Louver scoops for your ac louver vent, I cannot find for the life of me where we go them, but if you do you the louvers on your ac vent (if you have it, ducted or non ducted) They make louver scoops to throw the airflow in other directions in your trailer so the air is not so directionally downward, makes the air go outward more, if that makes sense. 

*More heat!!! *
We changed our 30k furnace out to a 35k furnace. And fortunately for me I work in the HVACR Industry, below is based on experience and knowledge in the industry, 20 years worth. I am not saying I am an expert nor should you do anything suggested, the disclaimer. 
If you want to spend the money get yourself an inverter driven heat pump, they are superior in energy efficiency as well require a smaller amp draw in order to run.
Your furnace, oddly enough furnaces are designed around 45 degree ambient temperatures, not to say they wont work below that as far as keeping you warm at night, however the majority of furnaces from 20-40k btu's are literally the same size in dimensions....as well are within 10% amp draw of each other on the fan size, we managed to pick up a 35k furnace of the same brand online for 200 bucks, literally plug and play, now by chance if your lucky to get a good find like that and want to make the change, Id say go for it, duct sizing and blower curves are literally the same, as well as gas piping, do your own research and inquire on this if you want to do this to make sure its right for you as well as something you SHOULD be doing. This is something you have to decide if you want to do, its worked wonders for us over the years without issue so anyone can have an opinion on this or even criticize me for it which is fine, this is a great debate I say!
Manufactures say this: *Make sure to not oversize your* furnace – too much heating capacity can cause rapid cycling and reduced comfort levels. 
Its up to you if its something you think you should do, can do and are willing to do, and is solely up to you to decide if its safe, unsafe or however you want. 
Your duct sizing, gas piping etc should be the same on a 30-40k btu furance, same with required cfm. 
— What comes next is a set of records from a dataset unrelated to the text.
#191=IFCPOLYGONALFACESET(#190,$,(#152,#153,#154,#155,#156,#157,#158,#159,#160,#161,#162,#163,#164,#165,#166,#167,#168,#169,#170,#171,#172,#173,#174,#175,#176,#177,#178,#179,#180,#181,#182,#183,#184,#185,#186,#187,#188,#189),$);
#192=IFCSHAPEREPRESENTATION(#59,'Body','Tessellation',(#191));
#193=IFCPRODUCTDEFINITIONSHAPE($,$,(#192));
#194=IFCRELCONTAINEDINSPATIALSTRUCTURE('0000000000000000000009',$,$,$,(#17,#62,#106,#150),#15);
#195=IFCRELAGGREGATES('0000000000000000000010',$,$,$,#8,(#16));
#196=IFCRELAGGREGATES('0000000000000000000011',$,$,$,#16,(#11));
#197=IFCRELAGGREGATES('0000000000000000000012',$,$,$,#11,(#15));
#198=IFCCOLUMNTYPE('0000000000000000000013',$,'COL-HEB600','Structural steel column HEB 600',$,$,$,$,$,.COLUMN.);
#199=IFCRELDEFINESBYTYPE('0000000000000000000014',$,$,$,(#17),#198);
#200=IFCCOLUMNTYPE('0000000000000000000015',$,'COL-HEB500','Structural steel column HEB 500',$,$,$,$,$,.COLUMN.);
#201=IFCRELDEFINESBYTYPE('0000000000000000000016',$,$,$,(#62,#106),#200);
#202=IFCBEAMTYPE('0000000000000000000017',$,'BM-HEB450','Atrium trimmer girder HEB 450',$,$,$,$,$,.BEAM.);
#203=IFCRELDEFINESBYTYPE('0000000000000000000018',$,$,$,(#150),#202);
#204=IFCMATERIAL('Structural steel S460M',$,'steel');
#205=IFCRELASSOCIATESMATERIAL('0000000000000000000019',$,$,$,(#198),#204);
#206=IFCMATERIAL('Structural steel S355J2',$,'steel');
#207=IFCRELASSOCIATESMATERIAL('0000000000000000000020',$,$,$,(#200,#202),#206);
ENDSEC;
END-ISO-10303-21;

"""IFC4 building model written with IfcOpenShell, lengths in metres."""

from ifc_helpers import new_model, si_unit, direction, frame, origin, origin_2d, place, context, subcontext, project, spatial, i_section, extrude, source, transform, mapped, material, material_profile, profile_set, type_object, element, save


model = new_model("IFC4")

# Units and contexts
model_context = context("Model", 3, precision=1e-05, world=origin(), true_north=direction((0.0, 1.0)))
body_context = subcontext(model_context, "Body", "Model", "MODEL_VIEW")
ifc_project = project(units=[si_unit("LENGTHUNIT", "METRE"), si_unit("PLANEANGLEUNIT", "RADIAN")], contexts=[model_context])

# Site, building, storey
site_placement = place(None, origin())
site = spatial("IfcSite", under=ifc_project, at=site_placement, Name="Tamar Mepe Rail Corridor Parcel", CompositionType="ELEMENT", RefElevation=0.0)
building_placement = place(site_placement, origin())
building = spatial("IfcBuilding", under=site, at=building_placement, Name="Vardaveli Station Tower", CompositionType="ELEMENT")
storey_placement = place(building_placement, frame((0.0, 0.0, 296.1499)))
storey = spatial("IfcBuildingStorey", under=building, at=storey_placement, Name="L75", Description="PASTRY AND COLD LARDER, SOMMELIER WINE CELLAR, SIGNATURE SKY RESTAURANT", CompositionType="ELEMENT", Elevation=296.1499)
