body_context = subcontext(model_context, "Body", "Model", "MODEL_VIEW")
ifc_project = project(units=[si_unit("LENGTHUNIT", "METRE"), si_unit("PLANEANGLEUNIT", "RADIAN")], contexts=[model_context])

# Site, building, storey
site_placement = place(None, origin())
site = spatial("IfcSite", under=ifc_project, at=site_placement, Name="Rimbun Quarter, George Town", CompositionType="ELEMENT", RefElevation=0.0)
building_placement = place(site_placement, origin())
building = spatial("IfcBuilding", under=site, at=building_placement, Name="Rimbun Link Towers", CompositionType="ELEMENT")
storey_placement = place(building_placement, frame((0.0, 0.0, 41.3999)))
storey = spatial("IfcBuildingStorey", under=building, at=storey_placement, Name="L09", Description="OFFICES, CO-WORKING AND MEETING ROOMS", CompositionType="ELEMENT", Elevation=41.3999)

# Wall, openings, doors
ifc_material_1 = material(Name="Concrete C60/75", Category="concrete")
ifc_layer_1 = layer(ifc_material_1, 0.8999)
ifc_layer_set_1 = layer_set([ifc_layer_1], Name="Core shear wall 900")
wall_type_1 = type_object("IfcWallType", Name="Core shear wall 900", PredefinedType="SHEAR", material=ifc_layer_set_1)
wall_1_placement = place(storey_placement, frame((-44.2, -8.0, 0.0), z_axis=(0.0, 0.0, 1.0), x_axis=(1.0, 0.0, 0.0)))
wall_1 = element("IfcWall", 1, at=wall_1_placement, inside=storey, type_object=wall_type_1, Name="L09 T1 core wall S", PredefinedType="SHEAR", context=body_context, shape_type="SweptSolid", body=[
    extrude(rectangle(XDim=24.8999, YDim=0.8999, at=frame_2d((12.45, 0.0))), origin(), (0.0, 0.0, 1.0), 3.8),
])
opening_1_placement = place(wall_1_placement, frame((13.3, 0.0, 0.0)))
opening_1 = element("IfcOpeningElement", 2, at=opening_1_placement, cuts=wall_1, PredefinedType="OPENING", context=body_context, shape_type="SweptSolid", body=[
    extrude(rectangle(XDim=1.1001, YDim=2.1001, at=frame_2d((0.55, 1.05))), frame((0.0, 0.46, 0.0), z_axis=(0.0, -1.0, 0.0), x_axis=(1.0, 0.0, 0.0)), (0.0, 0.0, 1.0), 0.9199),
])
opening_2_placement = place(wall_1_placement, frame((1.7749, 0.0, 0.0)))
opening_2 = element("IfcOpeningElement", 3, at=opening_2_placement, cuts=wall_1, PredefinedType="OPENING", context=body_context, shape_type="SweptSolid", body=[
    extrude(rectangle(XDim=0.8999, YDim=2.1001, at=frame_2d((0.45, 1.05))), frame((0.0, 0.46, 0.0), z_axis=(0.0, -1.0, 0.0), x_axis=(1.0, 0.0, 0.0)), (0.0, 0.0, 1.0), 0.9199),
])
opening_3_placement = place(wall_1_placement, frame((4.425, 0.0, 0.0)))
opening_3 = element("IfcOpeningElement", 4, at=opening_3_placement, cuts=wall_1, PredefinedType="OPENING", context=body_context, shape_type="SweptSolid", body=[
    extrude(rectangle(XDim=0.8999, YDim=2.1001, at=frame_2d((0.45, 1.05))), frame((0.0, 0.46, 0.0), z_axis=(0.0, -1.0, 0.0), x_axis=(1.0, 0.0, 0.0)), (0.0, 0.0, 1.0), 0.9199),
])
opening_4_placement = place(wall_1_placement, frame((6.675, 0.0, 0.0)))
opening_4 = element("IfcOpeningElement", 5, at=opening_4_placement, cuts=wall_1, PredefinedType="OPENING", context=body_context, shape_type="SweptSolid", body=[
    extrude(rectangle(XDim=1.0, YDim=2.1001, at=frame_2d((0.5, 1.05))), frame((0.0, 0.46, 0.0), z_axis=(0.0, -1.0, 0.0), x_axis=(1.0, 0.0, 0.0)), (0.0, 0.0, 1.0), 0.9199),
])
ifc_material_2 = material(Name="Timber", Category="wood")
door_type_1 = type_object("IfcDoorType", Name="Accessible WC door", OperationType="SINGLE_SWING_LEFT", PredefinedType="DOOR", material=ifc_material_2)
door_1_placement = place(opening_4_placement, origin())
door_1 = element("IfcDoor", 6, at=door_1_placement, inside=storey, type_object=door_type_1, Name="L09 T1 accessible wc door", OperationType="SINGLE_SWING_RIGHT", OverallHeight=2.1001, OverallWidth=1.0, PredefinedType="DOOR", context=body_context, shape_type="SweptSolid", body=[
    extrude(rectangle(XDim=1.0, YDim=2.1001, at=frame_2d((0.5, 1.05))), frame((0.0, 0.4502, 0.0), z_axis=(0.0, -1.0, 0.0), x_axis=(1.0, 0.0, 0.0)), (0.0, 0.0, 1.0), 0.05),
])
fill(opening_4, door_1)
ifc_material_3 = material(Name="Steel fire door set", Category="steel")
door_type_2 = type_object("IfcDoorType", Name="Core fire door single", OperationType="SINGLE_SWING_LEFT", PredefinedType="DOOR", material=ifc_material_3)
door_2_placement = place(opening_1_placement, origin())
Thermostat - if you can find one that will let you set temps down to 40 degrees, I recommend, only if you camp in the colder seasons as well, its not a most but will help keep your furnace from cycling too much in really cold temps as well as not run all the time. Keep in mind this is getting to the point where its getting close to being freezing so always make sure everything else is ready for the cold.


----------



## mdovenmuehler (Aug 17, 2020)

*Outside the Trailer:*

Slide out Awnings - if you do this make sure you get a reputable brand and take your time doing this, these are awesome for severe weather for your slide out tops.


----------



## SoCalAngler (Jul 9, 2021)

Thanks for sharing! Pics would be great....they tell 1000 words!


----------



## mdovenmuehler (Aug 17, 2020)

SoCalAngler said:


> Thanks for sharing! Pics would be great....they tell 1000 words!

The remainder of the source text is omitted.